改定説明会。

 今日は診療報酬改定の説明会へ参加するため、医事関係者が総出で近隣市町にある美術館のホールへ出かけた。
 移動のための車は病院のワンボックスと、乗り切れない人のためにもう一台ワゴン車を用意し、俺とY君とで運転することにした。
 今回はI君もMさんも参加する。可能ならそれぞれ別の車に乗せたいと思っていたら、その辺はボスがちゃんと配慮していて、集合時刻の30分前にY君・ボス・Mさんをワゴン車で先行させる段取りができていた。やってきたMさんを見ると、ある意味でヲタク向けのロングストレートからゆるくウェーブがかかったセミロングへと髪型がすっかり変わっていた。恐らく隣室に陣取る当院事務方の大ボスであるSさんからの入知恵で、I君除けということだろう。
 ワゴン車を見送り、ワンボックス組が集合するのを待つ。
 派遣のお姉さん達に混じって、派手な私服のI君がやってきた。お前、スーツで来いって言ったのに…。

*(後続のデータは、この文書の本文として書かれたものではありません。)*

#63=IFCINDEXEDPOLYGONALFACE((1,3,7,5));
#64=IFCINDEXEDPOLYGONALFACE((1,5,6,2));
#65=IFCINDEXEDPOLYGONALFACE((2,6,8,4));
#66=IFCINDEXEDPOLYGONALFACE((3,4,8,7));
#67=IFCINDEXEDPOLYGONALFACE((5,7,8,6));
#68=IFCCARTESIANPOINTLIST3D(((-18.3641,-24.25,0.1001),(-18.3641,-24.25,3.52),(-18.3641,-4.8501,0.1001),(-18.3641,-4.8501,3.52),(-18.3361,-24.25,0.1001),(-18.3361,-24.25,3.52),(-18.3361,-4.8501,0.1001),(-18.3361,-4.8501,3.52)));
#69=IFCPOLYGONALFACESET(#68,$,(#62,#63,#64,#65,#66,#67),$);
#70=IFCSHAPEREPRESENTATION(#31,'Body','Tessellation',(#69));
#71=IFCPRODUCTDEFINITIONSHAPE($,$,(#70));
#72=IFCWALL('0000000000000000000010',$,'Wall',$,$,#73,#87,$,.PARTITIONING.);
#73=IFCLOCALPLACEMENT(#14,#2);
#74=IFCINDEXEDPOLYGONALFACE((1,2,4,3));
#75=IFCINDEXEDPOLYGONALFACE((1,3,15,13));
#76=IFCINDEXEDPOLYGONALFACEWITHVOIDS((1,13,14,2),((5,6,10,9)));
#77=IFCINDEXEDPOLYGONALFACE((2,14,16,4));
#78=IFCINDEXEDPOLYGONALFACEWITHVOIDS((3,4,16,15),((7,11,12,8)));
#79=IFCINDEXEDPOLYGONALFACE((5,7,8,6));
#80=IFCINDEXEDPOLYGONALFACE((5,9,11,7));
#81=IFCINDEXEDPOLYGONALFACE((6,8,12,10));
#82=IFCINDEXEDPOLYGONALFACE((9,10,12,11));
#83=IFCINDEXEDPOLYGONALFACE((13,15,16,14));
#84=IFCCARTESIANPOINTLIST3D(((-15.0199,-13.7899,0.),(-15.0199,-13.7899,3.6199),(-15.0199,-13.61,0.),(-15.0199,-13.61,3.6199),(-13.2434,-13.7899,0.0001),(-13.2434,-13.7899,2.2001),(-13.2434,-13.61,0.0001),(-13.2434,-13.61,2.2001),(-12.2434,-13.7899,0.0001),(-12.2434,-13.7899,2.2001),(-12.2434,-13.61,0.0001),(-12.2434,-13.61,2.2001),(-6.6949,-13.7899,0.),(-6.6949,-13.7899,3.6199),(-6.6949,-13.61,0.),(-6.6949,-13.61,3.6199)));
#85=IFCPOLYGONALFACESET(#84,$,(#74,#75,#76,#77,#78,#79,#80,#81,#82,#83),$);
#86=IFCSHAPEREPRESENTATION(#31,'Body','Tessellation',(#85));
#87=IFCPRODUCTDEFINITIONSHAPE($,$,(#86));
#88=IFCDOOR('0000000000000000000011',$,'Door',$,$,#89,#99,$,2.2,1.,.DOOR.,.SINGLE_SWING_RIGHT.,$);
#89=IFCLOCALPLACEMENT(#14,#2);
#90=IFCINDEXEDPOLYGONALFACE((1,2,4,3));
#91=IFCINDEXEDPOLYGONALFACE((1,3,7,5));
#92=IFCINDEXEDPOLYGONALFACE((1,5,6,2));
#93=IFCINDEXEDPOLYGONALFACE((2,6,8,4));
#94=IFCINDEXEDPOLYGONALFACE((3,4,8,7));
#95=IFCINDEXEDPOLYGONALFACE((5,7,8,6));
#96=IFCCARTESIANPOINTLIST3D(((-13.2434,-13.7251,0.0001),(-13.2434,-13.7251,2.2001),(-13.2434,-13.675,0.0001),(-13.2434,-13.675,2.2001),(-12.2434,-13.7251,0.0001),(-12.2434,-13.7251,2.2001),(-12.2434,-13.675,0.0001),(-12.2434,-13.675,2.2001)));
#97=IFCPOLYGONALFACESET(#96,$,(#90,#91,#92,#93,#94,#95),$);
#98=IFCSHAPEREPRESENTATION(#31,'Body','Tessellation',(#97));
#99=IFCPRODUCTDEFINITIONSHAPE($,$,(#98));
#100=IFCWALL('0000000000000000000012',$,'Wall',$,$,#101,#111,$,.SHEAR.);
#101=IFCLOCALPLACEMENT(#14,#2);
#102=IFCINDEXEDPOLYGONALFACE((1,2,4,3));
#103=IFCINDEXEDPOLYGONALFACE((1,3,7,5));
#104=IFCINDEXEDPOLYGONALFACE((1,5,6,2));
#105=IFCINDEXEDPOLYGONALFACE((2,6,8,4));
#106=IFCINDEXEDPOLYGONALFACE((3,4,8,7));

 実はこちらにも乗り合わせが危険な2人がいる。まぁ、こっちはいい年した大人だからそれほど気にはしないが、隣り合わせで座らせると車内全体に嫌な空気が漂うのが明白だったので、その一方が集合場所に現れると直ちに無理やり助手席に座らせた。
 その一方…管理部門のS君は、彼のボスであるUさんと犬猿の仲である。犬猿の仲というのは正確ではない、上司であるUさんを尊敬できなくなったS君がUさんを無駄飯ぐらいと毛嫌いして口も聞かなくなっている。Uさんはというと、S君に対して業務の命令も指導もできる能力がなく、またそのことを自覚しているのかとにかくS君に関わらないよう距離を置いている。そのためUさんの元で発生した業務はUさんのキャパシティを超えてもS君に助けを求めることもままならず、未消化のままで溜まっていき期限を迎えては周辺の関係者が尻拭いに歩くような日々だ。
 幸い、俺はそのどちらとも関係は良好だから個人的には困らない(もちろん4月以降に迷惑を蒙ることになるのだが)。Uさんは仕事に関することを除けばお喋り好きでフレンドリーな近所のオッサンであり、決して悪い人ではないのだが、今の管理部門ではすっかり浮いた存在になってしまっている。
 往路は最後部に座って小さくなっているUさんをバックミラー越しに眺めながら、隣のS君からのUさんとの仕事の愚痴を聞くという楽しくないドライブだ。
 しかも天候も大荒れだ。
 美術館に着くと、先に着いていたボスがちゃんと会場内のホールである程度席を押さえてくれていた。俺はなるだけMさんやS君から離れた位置に座ろうと、I君とUさんを連れて最前列の空いた席へ向かったが、振り返るとI君がそれとなくMさんに近い席へ滑り込もうとして、またそれとなくボスがそれを阻止するように派遣のお姉さんでMさんの周りを固めようとして、不自然な混雑が起きていた。I君にこっちが空いてるから来るようにと声を掛けると彼は素直に従ってくれたが、すぐそばに近寄られたMさんがI君の方へ目線を送ることはなかった。
 
 説明会は2時間ほどで終わり、相変わらず降り続く雨の中、来た道を取って返した我々。
 Uさんの仕事をどうやって代理で処理していくか悩ましいと愚痴を続けるS君をよそに、俺は車内の誰とも口を聞かず黙り込んでいるI君が気になった。
 しかし今日はそれ以上声を掛けることはできなかった。